Just sayin’…

April 12th, 2024Just sayin’…

A long, long time ago, just after the dinosaurs disappeared and the wheel was invented, I lived in Japan.

By Donna Kelly

A long, long time ago, just after the dinosaurs disappeared and the wheel was invented, I lived in Japan.

It was a very different world. There was no internet, well there probably was but I didn’t know about it, no Facebook, no Snapchat, no email, no Instagram.

We communicated by writing aerogrammes, filling every tiny piece of the very light, and light blue, paper to make sure we got our money’s worth. You could also make a phone call but they were incredibly expensive so you wrote everything down you were going to say so there were no blank bits or ummms and ahhhs.

Anyway, I had been to uni and got a BA or Bachelor of Arts, which my Dad also called Bugger All. I like to think he was joking and it was the days when the government paid for the degree. But still not sure. He was an engineer after all.

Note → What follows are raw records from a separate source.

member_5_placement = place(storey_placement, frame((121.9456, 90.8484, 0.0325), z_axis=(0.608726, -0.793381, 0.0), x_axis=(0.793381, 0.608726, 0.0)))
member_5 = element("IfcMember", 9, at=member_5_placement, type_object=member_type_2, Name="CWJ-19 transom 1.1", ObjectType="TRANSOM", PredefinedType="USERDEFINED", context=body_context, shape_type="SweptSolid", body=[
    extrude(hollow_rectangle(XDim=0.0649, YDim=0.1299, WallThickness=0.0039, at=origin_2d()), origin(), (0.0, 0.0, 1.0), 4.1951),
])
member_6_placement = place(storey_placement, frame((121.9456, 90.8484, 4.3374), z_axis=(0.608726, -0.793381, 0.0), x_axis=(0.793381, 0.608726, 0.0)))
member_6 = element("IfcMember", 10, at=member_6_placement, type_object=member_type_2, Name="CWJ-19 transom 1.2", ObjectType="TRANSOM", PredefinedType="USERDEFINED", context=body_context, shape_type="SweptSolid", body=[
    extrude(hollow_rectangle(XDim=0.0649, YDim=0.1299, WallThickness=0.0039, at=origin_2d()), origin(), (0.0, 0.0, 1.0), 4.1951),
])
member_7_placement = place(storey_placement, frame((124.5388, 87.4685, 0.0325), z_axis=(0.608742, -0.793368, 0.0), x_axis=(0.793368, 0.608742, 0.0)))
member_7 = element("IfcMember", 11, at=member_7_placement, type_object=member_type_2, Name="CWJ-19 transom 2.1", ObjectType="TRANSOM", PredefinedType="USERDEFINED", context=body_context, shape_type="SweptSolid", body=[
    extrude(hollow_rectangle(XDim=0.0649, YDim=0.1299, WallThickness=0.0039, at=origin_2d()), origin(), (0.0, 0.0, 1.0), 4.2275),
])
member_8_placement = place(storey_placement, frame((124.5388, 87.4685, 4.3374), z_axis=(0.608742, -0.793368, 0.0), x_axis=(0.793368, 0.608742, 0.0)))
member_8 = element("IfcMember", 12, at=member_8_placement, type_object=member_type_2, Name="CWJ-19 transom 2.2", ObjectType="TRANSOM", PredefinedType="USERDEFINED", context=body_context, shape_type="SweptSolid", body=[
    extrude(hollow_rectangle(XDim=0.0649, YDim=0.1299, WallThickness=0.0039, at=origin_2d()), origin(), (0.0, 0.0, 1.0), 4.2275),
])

And then I found work at a newspaper as a cadet journalist in Rosebud on the Mornington Peninsula. My career was going well and over the next two years I moved to Frankston and then to the Mornington Leader where I was the editor.

Yep, at the grand old age of 22 I was chatting with MP Peter Reith as part of my role.

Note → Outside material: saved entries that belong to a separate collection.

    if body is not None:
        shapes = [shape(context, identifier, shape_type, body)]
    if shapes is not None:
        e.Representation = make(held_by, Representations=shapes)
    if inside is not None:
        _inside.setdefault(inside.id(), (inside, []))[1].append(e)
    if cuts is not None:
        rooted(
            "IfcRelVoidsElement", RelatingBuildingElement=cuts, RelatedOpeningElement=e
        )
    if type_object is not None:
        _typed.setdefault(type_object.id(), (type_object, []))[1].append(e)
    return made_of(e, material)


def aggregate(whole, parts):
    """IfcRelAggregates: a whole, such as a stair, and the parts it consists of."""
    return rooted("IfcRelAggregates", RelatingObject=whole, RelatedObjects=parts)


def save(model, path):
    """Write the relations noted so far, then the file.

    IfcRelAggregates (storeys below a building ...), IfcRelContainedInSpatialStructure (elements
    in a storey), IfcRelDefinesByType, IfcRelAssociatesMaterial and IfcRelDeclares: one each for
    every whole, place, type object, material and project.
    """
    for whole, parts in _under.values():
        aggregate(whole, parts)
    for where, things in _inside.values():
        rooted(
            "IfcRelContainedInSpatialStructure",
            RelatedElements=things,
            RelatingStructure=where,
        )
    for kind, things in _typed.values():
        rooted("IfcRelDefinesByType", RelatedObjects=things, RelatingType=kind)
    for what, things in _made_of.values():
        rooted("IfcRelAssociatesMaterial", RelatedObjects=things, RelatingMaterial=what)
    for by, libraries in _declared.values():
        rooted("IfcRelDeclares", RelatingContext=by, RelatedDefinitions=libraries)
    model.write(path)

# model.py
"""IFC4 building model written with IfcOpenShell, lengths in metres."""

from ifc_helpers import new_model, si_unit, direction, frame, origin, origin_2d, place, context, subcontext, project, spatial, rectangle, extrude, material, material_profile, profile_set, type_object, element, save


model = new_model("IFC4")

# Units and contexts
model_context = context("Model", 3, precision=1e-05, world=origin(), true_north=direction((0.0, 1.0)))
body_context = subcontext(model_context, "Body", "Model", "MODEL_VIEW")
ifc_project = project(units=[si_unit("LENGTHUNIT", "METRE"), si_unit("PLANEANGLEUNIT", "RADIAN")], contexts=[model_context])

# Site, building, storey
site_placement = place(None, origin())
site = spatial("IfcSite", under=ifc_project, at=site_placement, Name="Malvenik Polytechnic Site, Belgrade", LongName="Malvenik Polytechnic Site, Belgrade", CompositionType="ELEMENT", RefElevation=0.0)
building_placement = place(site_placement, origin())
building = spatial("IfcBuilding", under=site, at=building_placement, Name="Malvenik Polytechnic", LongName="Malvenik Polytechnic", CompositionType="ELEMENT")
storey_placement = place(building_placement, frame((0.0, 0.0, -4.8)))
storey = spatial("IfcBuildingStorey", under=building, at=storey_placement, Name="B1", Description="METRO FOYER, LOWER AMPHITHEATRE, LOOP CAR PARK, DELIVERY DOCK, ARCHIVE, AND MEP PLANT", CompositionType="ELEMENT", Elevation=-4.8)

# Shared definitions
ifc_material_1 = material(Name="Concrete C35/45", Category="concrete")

And then Mum found a newspaper advertisement. The Ministry of Education, or Mombusho, in Japan were looking for teachers of English. You needed a degree but no Japanese. I applied and missed out.

But about a month later I had a call from the Ministry saying a position had come up, about an hour out of Tokyo, and would I like it?

The next minute, or so it seemed, I had said farewell to a boyfriend of six years, told Mum to come and visit and I was on a plane to Narita Airport.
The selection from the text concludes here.